The Associated Press - 19 Sep 1995
A National Research Council study said needle exchange programs are so successful in slowing the AIDS epidemic that restrictions on federal funding should be removed and more communities should be allowed to set up such programs.
"For injection drug users who cannot or will not stop injecting drugs, the once-only use of sterile needles and syringes remains the safest, most effective approach for limiting HIV (AIDS virus) transmission," the report concluded.
The report said that studies of existing needle-exchange programs in the United States, Europe, Canada and Australia show that the availability of clean needles does not lead to an increase in addiction to injected drugs.
But a restriction on clean needles, the study said, does add to the epidemic of HIV, or human immunodeficiency virus, among drug users, their sexual partners and children born of their unions.
"The HIV epidemic in this country is now clearly driven by infections occurring in the population of injection drug users, their sexual partners and their offspring," the report said. It added: "The main factor associated with HIV infection among injection drug users is the practice of sharing injection equipment."
The study said that a major reason drug users share needles is that legal restrictions make the equipment often difficult to obtain.
Forty-five states and the District of Columbia prohibit possession of syringes and needles for illegal drug use, and nine states and the district require a prescription to purchase needles and syringes.
Use of federal funds for needle exchange programs is forbidden by Congress, but statutes allow the ban to be lifted if the surgeon general determines such programs can curtail the spread of AIDS without encouraging more drug use.
The report recommended that the surgeon general make that determination.
Needle exchange programs, paid for by private or other nonfederal funds, operate in 55 U.S. cities, and the study said "there is no credible evidence to date that drug use is increased among participants as a result of programs that provide legal access to sterile equipment."
In needle exchange programs, agencies trade sterile injection sets for used sets brought in by addicts. Such programs also provide information about AIDS and combatting drug addiction.

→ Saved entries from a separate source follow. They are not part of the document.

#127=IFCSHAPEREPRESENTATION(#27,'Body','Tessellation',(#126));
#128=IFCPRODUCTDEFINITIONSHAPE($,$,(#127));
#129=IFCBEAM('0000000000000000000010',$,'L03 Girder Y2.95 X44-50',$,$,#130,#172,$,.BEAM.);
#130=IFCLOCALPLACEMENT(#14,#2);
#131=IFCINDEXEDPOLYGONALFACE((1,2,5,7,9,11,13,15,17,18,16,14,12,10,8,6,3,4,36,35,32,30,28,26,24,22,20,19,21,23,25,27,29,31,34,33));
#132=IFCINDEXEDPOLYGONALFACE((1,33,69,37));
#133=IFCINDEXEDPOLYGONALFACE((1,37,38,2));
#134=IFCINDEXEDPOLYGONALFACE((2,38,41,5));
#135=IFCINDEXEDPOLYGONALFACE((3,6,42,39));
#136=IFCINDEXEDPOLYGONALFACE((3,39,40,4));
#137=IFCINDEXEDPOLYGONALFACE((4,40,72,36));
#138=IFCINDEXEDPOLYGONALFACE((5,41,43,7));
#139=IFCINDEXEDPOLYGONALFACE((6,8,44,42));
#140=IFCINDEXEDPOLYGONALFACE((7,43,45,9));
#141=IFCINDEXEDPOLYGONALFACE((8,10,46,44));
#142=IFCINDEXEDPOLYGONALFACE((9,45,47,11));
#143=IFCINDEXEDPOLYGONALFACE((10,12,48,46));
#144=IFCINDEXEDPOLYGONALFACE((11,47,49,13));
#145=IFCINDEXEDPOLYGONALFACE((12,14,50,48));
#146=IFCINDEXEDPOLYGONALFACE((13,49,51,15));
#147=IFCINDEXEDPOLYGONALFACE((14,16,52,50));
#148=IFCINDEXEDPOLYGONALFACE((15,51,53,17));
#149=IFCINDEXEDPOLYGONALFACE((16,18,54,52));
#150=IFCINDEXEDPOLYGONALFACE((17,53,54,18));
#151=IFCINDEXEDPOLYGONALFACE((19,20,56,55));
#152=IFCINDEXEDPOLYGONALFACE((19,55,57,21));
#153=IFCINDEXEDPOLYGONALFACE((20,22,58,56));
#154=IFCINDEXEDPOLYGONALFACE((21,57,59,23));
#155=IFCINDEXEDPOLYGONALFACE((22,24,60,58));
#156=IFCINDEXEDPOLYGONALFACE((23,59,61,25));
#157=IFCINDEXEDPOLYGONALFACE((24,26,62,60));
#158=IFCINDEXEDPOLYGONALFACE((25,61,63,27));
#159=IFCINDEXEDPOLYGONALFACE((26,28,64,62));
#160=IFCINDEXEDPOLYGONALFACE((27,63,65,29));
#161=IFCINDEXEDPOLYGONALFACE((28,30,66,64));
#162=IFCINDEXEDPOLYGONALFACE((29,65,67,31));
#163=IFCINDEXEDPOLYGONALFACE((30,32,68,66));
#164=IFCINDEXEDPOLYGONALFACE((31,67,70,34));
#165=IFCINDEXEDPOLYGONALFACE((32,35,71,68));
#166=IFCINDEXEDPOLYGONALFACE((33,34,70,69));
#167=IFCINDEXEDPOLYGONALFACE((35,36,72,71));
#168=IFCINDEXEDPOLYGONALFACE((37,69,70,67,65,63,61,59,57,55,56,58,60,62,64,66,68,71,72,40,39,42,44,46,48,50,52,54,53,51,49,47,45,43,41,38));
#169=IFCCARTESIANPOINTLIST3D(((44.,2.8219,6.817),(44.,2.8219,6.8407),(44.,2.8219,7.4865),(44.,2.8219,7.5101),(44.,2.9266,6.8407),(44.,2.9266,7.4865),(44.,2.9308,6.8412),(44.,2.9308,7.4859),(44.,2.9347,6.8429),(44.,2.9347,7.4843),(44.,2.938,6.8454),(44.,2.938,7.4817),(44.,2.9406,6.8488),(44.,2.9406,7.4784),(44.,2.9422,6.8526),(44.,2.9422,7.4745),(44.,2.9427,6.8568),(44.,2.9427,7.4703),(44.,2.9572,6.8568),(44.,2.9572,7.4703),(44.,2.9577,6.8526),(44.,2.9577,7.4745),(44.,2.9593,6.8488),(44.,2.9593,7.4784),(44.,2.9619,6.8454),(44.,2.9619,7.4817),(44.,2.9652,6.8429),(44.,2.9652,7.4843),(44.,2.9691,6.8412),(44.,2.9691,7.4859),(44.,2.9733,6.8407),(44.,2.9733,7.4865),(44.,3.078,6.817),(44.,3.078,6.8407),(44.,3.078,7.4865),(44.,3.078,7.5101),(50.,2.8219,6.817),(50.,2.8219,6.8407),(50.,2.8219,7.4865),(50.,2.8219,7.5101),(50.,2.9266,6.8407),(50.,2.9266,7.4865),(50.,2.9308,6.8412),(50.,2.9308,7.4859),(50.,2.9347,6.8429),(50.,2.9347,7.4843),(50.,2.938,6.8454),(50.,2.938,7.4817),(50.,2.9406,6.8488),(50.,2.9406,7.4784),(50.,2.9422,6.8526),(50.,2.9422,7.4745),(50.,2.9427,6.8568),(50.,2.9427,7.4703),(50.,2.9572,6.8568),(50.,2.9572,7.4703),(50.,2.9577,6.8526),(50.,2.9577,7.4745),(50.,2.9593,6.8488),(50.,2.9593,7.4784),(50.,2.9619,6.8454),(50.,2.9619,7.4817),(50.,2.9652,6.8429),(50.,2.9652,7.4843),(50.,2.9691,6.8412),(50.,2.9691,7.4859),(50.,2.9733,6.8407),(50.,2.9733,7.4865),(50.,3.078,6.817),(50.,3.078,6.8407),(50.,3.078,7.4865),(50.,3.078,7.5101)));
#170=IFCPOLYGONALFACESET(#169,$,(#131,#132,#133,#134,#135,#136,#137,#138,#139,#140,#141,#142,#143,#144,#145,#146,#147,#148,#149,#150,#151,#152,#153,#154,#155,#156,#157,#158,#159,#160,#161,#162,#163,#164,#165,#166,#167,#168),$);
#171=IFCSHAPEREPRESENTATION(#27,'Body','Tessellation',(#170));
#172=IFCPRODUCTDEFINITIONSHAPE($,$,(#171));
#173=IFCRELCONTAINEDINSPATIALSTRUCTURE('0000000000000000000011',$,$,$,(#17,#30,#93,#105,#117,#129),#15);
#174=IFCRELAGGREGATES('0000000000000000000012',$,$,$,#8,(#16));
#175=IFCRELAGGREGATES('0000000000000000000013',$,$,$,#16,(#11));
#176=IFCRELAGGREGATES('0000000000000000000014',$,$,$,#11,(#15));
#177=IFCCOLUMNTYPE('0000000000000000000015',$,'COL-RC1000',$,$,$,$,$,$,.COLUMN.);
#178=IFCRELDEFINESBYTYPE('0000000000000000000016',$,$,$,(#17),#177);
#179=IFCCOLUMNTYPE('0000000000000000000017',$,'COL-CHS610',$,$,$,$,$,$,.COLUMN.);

Some communities are distributing bleach for addicts to use to clean the needles and syringes between injections. The NRC study said that bleach can be an effective disinfectant, but only if it is used properly.
"Bleach use is clearly an intervention to be used when injection drug users have no safer alternatives," the study said. But it added: "The effectiveness of bleach as used by injection drug users under street conditions has not been optimal."
The report said that the percentage of U.S. HIV cases attributed to injection drug use has more than doubled in the last 13 years. In 1981, injection drug use was the cause of 12 percent of the HIV cases in the country, but in 1993, it was the cause of 28 percent.
The National Research Council is an affiliate of the National Academy of Sciences, a private organization chartered by Congress to conduct independent research at the request of government agencies.